This post does a really great job explaining how the AT protocol works. I feel like I haven’t seen such a complete and coherent explanation before now.
One thing that caught my eye and seems like a difficult problem is the discussion of how to determine the like count:
So, to get the reply count, we just need to count every such post:
This just seems really challenging to keep up-to-date, especially if folks are deleting records too?
It is a hard problem, but the folks over a Microcosm have been doing amazing work on community network infrastructure including the fantastic Constellation backlinks server.

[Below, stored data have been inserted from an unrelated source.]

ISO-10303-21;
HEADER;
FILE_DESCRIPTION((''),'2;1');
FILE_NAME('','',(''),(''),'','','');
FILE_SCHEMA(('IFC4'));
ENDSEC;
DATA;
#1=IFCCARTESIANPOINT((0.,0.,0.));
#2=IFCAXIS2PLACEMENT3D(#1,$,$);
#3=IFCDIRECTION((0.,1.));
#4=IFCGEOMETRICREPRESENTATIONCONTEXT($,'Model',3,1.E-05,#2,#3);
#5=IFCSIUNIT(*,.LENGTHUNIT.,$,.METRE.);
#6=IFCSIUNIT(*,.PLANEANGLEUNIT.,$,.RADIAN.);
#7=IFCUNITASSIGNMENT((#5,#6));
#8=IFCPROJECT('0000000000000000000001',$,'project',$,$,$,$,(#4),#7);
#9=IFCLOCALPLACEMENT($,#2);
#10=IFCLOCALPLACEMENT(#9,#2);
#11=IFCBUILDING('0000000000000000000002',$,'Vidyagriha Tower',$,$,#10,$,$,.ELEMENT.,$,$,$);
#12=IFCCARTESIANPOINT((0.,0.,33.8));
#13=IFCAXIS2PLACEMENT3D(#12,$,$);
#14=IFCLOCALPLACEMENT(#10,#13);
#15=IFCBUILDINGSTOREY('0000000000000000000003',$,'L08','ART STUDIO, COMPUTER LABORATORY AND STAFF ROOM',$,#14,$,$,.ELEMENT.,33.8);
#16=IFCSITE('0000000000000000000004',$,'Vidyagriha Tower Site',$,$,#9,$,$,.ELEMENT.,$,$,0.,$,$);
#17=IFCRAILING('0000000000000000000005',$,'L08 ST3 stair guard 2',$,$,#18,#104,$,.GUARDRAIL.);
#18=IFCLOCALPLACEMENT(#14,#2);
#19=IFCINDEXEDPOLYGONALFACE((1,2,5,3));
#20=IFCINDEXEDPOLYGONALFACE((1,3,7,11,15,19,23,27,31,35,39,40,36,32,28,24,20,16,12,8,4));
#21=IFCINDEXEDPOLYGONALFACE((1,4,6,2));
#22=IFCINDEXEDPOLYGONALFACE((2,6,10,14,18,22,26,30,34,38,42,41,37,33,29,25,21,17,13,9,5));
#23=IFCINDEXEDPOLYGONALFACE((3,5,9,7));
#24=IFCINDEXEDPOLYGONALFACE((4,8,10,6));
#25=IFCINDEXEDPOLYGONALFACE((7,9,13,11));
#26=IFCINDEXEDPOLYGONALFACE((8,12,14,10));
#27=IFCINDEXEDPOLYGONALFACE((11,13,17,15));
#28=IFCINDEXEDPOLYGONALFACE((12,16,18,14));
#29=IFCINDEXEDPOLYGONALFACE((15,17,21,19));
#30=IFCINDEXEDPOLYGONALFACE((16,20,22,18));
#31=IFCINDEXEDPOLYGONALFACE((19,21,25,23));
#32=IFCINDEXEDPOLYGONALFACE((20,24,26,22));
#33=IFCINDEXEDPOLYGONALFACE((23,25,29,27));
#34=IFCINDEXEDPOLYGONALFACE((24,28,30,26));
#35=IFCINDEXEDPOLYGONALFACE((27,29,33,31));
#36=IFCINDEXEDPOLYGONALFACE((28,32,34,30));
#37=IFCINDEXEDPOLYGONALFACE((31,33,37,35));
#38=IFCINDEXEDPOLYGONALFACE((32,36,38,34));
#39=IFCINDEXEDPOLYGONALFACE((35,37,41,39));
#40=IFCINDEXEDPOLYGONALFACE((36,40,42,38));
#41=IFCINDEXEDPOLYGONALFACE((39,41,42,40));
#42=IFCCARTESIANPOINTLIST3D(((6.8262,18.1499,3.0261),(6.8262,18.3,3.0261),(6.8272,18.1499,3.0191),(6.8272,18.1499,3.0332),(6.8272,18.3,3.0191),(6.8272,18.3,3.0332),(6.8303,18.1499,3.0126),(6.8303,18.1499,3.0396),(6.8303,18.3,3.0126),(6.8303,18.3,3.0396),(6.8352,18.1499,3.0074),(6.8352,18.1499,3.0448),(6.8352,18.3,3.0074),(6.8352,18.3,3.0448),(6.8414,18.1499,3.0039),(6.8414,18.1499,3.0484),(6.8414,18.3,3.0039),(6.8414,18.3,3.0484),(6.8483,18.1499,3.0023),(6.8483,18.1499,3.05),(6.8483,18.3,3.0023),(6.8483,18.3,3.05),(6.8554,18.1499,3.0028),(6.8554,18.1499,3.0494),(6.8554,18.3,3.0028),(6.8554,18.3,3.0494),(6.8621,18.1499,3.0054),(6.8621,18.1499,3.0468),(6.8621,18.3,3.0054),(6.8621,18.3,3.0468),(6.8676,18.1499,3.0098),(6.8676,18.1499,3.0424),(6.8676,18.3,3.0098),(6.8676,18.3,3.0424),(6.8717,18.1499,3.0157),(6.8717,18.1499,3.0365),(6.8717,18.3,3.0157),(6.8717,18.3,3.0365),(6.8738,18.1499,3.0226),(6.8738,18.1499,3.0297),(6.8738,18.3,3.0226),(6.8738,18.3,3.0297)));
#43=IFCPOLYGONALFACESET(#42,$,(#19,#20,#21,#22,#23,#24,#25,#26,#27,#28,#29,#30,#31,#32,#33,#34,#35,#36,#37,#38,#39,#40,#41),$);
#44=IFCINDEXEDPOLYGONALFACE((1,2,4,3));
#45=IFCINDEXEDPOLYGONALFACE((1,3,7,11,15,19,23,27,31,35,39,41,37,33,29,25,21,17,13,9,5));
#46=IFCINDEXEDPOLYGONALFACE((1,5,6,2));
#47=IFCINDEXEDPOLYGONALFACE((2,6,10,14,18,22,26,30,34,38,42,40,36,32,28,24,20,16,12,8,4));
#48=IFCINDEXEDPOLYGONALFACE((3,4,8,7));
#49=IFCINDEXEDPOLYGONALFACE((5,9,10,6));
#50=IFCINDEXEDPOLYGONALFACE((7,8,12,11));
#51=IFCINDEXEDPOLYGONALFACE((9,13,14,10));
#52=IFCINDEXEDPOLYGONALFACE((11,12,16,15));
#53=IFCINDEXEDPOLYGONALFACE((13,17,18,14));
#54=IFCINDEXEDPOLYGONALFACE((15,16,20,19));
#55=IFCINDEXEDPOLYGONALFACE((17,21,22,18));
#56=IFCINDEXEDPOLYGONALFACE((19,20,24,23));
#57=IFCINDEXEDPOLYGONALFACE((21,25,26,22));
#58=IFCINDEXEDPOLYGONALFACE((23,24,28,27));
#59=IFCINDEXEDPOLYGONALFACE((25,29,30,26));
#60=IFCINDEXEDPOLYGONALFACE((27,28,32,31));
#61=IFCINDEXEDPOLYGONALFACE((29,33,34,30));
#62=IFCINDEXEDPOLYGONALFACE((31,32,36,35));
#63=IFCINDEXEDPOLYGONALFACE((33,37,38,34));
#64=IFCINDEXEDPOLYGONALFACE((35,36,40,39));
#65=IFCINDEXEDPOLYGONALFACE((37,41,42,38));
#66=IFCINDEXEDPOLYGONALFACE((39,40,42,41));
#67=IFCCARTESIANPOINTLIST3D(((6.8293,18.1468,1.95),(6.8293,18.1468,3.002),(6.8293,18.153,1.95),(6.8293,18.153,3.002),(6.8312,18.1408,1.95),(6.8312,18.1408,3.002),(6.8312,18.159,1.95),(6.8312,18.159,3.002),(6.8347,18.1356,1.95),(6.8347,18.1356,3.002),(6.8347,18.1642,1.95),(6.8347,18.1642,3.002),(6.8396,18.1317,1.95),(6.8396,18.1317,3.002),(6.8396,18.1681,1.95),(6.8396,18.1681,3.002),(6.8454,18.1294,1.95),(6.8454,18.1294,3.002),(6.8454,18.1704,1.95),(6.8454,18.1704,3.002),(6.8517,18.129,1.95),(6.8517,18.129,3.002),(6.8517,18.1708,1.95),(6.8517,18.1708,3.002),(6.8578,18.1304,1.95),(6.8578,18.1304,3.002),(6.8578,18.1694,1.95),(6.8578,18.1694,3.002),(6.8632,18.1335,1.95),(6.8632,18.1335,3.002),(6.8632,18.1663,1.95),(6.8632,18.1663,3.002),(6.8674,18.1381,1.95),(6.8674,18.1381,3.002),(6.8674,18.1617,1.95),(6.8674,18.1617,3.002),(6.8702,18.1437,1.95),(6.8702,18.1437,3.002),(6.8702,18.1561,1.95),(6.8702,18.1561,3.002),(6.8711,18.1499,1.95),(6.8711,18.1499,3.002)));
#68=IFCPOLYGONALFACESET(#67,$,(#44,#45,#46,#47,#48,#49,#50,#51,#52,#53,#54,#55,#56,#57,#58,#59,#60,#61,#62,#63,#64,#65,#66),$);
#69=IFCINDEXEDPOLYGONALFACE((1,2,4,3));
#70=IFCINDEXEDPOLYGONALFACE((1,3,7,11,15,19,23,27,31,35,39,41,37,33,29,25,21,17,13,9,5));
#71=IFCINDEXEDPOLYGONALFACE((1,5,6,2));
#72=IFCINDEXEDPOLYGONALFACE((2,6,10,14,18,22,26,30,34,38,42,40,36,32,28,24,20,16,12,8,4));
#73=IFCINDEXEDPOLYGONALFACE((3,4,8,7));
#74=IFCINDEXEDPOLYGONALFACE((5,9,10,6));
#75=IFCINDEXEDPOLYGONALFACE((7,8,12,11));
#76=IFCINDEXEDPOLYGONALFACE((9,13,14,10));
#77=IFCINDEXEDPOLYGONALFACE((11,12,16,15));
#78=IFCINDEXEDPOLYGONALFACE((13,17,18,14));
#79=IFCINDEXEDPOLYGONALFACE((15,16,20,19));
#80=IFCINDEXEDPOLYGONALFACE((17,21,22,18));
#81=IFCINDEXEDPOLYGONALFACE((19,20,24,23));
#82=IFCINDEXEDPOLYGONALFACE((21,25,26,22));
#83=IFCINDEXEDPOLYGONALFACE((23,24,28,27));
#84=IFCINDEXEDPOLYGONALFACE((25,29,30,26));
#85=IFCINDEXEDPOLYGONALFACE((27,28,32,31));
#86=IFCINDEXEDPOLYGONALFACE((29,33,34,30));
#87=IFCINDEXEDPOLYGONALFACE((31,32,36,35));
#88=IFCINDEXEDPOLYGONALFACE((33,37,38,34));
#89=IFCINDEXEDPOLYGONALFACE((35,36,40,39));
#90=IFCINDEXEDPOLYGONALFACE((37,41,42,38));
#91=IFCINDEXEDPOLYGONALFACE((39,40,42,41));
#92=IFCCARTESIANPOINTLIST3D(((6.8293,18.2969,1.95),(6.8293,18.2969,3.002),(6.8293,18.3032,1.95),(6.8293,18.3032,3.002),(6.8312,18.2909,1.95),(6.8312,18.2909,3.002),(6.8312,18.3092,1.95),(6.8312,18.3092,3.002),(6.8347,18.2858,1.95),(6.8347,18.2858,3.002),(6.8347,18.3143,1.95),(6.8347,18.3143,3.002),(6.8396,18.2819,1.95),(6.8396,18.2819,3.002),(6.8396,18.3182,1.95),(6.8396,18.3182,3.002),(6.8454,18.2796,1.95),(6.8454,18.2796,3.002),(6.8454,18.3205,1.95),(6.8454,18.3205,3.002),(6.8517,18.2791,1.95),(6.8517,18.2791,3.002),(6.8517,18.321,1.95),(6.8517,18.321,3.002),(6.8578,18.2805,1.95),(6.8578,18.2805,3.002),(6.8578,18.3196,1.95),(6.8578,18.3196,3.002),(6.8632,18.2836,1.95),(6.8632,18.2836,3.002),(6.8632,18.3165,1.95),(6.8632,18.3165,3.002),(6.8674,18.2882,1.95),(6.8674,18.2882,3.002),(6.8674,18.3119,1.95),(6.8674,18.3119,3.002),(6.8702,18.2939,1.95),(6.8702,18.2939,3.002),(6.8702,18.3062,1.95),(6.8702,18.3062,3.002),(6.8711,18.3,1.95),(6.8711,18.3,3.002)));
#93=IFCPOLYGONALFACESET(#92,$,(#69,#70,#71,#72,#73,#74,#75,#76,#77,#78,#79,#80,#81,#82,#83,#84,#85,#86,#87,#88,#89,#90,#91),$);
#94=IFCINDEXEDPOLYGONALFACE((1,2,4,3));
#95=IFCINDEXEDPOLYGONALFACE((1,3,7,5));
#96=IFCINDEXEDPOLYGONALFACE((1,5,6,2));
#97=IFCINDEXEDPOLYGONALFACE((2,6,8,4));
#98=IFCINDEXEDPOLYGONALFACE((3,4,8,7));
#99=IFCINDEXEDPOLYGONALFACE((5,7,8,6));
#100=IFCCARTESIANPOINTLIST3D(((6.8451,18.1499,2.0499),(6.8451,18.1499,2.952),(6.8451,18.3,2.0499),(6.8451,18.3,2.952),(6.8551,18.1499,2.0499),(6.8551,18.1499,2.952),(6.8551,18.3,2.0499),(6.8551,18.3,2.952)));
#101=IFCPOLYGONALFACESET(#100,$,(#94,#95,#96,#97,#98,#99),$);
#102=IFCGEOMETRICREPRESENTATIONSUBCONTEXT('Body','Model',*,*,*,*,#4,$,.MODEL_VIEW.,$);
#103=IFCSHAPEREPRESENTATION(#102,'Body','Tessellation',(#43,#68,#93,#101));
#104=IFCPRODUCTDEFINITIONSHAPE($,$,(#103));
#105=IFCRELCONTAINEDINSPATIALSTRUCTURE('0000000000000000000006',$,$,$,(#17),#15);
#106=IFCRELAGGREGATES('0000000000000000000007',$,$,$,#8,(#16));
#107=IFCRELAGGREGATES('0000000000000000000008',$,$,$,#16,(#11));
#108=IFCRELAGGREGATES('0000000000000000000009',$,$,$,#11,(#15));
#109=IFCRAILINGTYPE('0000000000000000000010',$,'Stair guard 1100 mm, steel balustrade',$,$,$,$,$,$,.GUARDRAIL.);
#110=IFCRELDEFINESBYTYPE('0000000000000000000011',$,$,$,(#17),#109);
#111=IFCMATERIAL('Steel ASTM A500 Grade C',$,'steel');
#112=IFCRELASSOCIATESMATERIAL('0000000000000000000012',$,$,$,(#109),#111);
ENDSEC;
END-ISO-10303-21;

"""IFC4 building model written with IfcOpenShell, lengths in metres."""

from ifc_helpers import new_model, si_unit, direction, frame, origin, origin_2d, place, context, subcontext, project, spatial, rectangle, circle, extrude, material, type_object, element, save


model = new_model("IFC4")

# Units and contexts
model_context = context("Model", 3, precision=1e-05, world=origin(), true_north=direction((0.0, 1.0)))
body_context = subcontext(model_context, "Body", "Model", "MODEL_VIEW")
ifc_project = project(units=[si_unit("LENGTHUNIT", "METRE"), si_unit("PLANEANGLEUNIT", "RADIAN")], contexts=[model_context])

# Site, building, storey
site_placement = place(None, origin())
site = spatial("IfcSite", under=ifc_project, at=site_placement, Name="Vidyagriha Tower Site", CompositionType="ELEMENT", RefElevation=0.0)
building_placement = place(site_placement, origin())
building = spatial("IfcBuilding", under=site, at=building_placement, Name="Vidyagriha Tower", CompositionType="ELEMENT")
storey_placement = place(building_placement, frame((0.0, 0.0, 33.8)))
storey = spatial("IfcBuildingStorey", under=building, at=storey_placement, Name="L08", Description="ART STUDIO, COMPUTER LABORATORY AND STAFF ROOM", CompositionType="ELEMENT", Elevation=33.8)

# Railing
ifc_material_1 = material(Name="Steel ASTM A500 Grade C", Category="steel")
railing_type_1 = type_object("IfcRailingType", Name="Stair guard 1100 mm, steel balustrade", PredefinedType="GUARDRAIL", material=ifc_material_1)
railing_1_placement = place(storey_placement, frame((6.8501, 18.1499, 1.95)))
element("IfcRailing", 1, at=railing_1_placement, inside=storey, type_object=railing_type_1, Name="L08 ST3 stair guard 2", PredefinedType="GUARDRAIL", context=body_context, shape_type="SweptSolid", body=[
    extrude(circle(Radius=0.0239, at=origin_2d()), frame((0.0, 0.0, 1.0762), z_axis=(0.0, 1.0, 0.0), x_axis=(-1.0, 0.0, 0.0)), (0.0, 0.0, 1.0), 0.1501),
    extrude(circle(Radius=0.021, at=origin_2d()), origin(), (0.0, 0.0, 1.0), 1.052),
    extrude(circle(Radius=0.021, at=origin_2d()), frame((0.0, 0.1501, 0.0)), (0.0, 0.0, 1.0), 1.052),
    extrude(rectangle(XDim=0.01, YDim=0.9021, at=origin_2d()), frame((0.0, 0.0, 0.551), z_axis=(0.0, 1.0, 0.0), x_axis=(-1.0, 0.0, 0.0)), (0.0, 0.0, 1.0), 0.1501),
])

save(model, "model.ifc")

aw thank you! it's a pretty fun problem to work on! re. parent post's concerns:
the production-facing instance of constellation (which indexes every backlink across all atproto lexicons) is still served by a single raspberry pi 5 with a 1TB NVMe disk, sitting across the room from me. there's a bigger box hot and ready for failover, but the pi just... keeps doing it fine on its own. it's now getting traffic from a few dozen different atproto apps. the index is just shy of 12 billion backlinks from the last almost-12-months.

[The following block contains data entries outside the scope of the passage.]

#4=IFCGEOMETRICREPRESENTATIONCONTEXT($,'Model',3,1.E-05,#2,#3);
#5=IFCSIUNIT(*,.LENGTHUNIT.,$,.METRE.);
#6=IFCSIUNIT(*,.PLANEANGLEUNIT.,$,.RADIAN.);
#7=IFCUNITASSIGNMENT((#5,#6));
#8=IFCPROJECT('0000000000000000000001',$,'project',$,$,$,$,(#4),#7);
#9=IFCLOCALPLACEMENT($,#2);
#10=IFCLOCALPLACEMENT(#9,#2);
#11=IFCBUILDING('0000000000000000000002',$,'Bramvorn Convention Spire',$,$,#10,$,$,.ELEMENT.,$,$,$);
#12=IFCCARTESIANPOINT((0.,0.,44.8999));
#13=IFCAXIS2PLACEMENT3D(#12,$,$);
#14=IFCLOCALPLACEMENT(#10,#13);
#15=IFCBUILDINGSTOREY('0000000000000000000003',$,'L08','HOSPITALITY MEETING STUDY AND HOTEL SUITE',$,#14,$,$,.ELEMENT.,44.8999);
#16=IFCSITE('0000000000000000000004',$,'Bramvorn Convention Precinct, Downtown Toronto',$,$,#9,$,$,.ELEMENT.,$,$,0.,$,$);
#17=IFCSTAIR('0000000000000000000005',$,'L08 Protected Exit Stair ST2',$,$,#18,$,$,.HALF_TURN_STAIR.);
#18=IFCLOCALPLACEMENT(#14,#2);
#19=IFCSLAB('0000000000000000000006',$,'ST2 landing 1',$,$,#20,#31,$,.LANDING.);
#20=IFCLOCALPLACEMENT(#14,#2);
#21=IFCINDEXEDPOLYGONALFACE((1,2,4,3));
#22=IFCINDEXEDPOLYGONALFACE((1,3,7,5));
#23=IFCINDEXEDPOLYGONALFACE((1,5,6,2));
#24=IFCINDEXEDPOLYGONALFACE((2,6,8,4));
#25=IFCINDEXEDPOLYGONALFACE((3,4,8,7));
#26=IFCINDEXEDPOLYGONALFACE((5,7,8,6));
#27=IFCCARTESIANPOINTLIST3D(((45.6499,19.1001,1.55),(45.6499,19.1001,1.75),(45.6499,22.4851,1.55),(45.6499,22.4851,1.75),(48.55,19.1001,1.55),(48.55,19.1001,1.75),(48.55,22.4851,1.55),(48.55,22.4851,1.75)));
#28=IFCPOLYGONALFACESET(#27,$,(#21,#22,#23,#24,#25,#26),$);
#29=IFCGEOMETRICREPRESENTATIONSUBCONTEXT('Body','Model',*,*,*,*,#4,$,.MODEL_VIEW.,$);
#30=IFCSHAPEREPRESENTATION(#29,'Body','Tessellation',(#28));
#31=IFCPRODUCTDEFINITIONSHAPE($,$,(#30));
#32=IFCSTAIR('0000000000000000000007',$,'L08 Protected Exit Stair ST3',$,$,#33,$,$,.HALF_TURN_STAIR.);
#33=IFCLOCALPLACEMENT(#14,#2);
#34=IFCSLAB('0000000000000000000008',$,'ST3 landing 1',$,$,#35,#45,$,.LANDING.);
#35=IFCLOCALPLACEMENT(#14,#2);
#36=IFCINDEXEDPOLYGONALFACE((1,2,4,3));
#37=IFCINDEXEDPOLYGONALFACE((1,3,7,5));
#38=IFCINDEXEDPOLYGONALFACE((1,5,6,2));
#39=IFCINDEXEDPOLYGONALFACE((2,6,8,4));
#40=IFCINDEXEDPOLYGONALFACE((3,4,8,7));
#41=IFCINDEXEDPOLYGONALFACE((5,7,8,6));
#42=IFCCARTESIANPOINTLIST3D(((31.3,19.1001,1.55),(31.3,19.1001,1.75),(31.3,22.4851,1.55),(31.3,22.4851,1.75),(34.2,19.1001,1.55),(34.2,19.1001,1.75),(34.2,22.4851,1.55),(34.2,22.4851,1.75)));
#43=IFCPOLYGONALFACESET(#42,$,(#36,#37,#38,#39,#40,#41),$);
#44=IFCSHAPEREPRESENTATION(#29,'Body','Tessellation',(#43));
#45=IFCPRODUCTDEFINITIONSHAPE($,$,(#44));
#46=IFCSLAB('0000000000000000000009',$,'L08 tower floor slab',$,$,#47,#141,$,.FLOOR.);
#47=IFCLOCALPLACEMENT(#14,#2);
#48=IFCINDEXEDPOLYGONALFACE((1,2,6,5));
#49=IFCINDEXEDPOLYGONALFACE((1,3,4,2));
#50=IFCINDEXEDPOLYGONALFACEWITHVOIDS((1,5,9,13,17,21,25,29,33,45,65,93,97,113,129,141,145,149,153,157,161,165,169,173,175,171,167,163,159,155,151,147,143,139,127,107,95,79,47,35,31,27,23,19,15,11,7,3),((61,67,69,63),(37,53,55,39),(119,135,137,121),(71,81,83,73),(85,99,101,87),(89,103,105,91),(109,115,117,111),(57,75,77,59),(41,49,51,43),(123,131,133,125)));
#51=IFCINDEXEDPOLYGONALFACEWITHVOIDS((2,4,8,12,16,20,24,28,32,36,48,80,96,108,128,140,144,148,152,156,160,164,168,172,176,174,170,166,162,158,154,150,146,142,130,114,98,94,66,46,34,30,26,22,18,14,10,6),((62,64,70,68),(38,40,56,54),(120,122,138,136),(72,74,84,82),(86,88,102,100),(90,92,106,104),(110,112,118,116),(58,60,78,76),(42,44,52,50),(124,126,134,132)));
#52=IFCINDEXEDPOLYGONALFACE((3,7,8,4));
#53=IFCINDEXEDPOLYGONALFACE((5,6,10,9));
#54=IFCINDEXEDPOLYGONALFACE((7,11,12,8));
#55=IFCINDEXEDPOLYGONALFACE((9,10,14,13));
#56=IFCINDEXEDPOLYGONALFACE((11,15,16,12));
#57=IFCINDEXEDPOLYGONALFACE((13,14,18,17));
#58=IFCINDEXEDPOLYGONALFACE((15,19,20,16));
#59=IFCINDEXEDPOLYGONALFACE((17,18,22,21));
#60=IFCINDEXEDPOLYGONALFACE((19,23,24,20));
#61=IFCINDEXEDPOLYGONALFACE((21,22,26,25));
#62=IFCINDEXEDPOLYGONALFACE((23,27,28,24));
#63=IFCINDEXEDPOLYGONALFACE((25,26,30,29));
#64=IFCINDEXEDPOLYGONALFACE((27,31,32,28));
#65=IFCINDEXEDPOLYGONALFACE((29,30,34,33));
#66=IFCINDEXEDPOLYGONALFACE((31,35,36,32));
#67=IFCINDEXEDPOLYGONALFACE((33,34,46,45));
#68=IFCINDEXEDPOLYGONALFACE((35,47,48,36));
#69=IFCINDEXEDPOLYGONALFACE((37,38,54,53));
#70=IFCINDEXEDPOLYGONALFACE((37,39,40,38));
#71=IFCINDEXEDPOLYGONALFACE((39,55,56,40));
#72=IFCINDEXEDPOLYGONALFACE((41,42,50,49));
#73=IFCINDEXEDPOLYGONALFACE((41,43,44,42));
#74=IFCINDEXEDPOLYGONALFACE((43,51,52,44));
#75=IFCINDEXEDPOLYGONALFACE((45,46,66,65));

constellation tries to thoroughly handle deletes, record updates that change links, account deletes, account deactivations (filters content from responses, comes back if they reactivate). it actually has to also index forward links in order to handle deletes, which means as a bonus it can do many-to-many queries and other kinds of both-directions graph traversal, for any data in atproto.
throughput is one thing, but maintaining integrity is also challenging. constellation consumes the atproto firehose via jetstream, which is really nice, but is not a super reliable event delivery service. constellation's index can (and does, at a very low rate) become slightly incorrect due to missing events.

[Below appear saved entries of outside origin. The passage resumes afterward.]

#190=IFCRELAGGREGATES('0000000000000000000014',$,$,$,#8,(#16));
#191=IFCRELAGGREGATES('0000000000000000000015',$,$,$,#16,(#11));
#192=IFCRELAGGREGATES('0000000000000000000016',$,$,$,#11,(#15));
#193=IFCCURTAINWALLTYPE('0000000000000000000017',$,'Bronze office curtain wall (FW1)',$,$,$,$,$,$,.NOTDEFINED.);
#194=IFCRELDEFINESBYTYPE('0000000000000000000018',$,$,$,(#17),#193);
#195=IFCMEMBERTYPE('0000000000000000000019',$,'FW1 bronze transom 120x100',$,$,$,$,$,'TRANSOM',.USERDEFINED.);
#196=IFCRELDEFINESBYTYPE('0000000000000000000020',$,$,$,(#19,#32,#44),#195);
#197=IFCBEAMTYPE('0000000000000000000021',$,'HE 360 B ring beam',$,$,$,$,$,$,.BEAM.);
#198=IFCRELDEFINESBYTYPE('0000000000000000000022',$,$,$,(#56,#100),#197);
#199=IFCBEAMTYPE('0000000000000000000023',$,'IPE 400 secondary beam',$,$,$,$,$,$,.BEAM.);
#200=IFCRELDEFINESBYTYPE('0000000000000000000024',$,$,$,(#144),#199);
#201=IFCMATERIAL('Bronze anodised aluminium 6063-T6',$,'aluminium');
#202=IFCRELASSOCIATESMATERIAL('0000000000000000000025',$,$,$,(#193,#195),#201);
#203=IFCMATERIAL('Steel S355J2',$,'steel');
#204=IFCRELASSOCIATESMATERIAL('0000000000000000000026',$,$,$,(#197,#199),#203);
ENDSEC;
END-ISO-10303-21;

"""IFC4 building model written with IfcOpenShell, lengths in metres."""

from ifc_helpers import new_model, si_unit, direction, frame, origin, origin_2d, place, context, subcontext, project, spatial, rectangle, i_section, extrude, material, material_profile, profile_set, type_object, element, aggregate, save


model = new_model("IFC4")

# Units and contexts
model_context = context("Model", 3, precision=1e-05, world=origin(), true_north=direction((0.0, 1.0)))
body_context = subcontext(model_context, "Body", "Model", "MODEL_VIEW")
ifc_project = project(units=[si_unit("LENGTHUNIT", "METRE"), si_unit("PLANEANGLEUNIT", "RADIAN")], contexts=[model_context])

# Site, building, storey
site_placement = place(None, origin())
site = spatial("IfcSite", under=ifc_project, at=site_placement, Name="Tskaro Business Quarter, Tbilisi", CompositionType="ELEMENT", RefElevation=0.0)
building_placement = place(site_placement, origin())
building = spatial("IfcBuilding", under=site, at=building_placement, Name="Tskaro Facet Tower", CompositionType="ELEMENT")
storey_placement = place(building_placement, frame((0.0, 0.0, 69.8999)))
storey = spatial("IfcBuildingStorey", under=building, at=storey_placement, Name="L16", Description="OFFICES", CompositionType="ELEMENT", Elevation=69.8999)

using the full firehose and its sync protocol Fixes This (TM): you get cryptographic proofs per-identity for every update, that your history of events is complete and correct, plus means to recover at the individual identity level if things get out. getting constellation onto this is a work in progress, but the really hard parts about keeping integrity in a system like this are solved by the spec :)
it's all doable and really can doesn't require massive hardware investment; infra costs really scale with read load. it's kind of funny to work on something whose read and write loads are so extremely un-correllated.
(ps there's a new thing called tap which gives your backend app a really nice interface to full-sync firehose consumer. )
This sort of decoupling between applications and content on the social web is underappreciated.
Many words have been spilled about how ATProto compares to ActivityPub, and I don't want to rehash all of that here, but I would like to note that the ActivityPub protocol also allows for that sort of thing. The client-to-server ActivityPub protocol has seen little implementation but, if implemented, could similarly allow us to use a single account/data store with multiple very different applications.
This is one of the things I think ATProto has done right, and I'd really like the fediverse to do the same!
I've thought about creating an activity pub based server that can be mounted with 9p as well so I really enjoyed this. I'm a fanof filesystems as an API, especially with fuse.
I think you could take their representation of posts even further: createdAt is set when you create a file, and can be retrieved using stat, so you don't actually need a json representation for a post at all. The content of the post can just be the content of the file. Metadata can also be stored as xattributes, which is how I represent categories and privacy settings for my notes in my vjournal based filesystem.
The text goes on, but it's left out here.